Tuesday, March 5, 2019

Ill tides in mortgage production economics



BusinessInsider recently made a good call in highlighting a slide in JP Morgan's 4Q18 earnings presentation as explaining the troubles surrounding the US mortgage business.  I'd like to delve in a bit more deeply...
It's readily evident that both factors highlighted, the mortgage rate spread and retail production costs, are headed the wrong direction, but why?

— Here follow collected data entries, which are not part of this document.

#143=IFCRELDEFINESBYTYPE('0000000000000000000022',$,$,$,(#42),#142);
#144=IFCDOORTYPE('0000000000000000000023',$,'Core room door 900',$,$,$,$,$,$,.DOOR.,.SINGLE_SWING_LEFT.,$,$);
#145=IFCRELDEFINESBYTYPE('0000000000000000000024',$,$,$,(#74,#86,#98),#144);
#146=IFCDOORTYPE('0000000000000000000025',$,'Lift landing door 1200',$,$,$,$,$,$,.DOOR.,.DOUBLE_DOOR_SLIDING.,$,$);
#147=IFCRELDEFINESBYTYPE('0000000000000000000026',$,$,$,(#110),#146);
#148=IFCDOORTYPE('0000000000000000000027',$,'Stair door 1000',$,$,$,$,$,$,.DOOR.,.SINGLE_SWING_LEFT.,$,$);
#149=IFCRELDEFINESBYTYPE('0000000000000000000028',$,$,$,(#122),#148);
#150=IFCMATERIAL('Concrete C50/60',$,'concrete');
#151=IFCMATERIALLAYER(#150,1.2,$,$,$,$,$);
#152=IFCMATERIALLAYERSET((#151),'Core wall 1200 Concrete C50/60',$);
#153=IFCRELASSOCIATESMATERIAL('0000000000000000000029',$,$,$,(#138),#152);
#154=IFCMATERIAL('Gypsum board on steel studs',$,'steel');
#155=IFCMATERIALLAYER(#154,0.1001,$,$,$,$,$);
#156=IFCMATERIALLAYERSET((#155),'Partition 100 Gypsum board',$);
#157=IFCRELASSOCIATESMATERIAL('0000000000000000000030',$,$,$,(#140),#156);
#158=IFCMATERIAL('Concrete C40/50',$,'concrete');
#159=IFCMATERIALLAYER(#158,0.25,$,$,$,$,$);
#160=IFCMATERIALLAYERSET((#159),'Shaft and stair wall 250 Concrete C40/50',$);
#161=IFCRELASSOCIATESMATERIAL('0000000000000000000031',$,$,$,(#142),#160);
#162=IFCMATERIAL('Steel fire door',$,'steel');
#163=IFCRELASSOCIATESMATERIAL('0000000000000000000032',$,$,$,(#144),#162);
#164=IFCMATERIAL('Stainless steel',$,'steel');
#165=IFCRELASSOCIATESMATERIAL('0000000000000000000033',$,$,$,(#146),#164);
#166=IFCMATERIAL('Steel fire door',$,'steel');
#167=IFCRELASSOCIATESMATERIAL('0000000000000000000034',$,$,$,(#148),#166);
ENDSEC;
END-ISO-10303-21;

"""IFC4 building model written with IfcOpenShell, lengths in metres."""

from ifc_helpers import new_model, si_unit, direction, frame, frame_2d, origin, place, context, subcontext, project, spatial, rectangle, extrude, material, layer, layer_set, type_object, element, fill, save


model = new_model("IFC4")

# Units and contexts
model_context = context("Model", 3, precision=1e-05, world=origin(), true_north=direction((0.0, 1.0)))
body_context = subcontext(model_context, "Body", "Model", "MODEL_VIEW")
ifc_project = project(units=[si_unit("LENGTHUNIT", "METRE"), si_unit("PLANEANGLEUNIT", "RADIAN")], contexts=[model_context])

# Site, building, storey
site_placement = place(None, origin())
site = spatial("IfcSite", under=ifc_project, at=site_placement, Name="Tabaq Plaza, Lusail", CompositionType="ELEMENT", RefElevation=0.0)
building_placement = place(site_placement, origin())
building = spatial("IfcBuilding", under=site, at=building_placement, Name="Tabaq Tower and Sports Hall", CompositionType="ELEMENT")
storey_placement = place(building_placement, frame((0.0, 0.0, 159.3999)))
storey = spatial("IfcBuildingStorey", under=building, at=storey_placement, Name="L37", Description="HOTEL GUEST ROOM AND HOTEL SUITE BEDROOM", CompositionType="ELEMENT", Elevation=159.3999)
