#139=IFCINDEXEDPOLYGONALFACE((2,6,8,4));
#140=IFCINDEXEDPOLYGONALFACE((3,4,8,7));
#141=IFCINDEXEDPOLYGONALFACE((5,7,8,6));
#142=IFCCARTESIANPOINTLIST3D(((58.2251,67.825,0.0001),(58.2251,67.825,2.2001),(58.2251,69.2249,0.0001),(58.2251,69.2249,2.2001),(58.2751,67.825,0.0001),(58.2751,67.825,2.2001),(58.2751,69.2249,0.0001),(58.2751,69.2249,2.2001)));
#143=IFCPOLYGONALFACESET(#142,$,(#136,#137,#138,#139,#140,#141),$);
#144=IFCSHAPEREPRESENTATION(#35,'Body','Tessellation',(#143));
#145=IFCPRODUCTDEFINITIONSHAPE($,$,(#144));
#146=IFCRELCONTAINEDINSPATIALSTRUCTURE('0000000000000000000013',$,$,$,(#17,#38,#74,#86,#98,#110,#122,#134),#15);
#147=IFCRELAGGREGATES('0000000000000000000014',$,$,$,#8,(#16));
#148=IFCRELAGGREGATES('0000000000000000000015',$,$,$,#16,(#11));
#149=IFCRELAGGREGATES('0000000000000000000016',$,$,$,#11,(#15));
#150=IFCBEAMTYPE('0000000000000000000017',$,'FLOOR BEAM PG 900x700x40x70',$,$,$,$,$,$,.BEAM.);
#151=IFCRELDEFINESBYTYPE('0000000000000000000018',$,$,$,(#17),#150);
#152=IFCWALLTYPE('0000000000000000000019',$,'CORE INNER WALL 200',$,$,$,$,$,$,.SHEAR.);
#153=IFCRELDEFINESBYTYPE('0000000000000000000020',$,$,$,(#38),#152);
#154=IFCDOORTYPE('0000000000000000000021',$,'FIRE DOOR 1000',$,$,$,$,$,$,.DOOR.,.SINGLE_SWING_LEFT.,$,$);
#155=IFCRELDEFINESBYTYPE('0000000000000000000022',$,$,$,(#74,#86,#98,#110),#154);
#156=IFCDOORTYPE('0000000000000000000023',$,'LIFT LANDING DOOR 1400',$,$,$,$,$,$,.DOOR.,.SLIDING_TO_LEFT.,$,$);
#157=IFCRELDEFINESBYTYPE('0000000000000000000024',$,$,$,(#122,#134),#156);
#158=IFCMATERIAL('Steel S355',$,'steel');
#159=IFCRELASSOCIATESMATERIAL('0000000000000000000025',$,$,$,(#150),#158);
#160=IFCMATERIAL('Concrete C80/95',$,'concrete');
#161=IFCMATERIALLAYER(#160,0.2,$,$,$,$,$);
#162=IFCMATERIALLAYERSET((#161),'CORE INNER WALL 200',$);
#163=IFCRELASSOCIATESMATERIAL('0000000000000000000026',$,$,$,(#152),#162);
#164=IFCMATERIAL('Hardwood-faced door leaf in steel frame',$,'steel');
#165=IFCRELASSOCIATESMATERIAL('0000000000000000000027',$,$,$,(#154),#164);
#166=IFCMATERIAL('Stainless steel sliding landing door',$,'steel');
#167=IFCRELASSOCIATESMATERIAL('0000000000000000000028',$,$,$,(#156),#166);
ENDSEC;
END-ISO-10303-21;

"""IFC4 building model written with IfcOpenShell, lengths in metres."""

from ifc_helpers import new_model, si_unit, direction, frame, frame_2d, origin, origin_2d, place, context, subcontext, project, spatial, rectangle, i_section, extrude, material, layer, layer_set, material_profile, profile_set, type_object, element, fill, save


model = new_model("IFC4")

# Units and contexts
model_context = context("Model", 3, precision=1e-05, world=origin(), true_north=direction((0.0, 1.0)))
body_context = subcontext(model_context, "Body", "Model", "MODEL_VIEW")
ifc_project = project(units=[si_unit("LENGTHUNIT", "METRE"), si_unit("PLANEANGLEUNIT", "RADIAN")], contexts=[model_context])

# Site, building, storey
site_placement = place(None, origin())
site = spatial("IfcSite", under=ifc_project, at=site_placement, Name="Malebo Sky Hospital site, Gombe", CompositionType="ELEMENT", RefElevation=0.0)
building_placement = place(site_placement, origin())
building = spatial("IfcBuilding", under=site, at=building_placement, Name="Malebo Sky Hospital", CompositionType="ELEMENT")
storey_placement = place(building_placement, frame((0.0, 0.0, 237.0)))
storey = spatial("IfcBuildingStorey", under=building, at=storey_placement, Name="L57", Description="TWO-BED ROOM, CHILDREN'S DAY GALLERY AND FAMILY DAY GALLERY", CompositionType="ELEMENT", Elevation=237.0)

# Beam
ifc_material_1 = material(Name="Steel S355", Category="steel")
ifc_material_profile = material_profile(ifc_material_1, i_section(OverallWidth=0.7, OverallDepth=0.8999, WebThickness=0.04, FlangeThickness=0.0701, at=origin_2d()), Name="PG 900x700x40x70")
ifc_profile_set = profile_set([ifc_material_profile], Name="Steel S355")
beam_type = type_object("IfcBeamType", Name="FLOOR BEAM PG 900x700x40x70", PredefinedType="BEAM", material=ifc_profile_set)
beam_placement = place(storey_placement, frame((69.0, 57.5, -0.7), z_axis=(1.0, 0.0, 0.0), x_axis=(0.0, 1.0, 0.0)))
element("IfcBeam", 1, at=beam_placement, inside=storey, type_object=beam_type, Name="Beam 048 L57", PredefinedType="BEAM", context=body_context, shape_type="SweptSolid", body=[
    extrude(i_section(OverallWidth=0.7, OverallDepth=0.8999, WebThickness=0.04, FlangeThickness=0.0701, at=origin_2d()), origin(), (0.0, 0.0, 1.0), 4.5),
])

A rough correlation is evident between the spread and origination volumes.  The evaporation of the refinance business has paired with anemic/flat new home purchase-driven production to drive a system-wide overcapacity that has murdered margins as players fight for slices of a shrinking pie.  Painful, as the industry strives to a new equilibrium that will eventually let the spread recover.

 Total expenses per loan
While the spread has been volatile, the retail production cost has exhibited montonic growth.  This cannot be simply explained away as the "impact of new regulations" so declared during the earnings call by Michael Weinbach, the CEO of the firm's mortgage-banking business.  In fact, a substantial portion of these costs, upwards of half, are directly tied to loan officer compensation, which is generally indexed to the size of the loan, a relationship that can be gleaned from an MBA note from last year.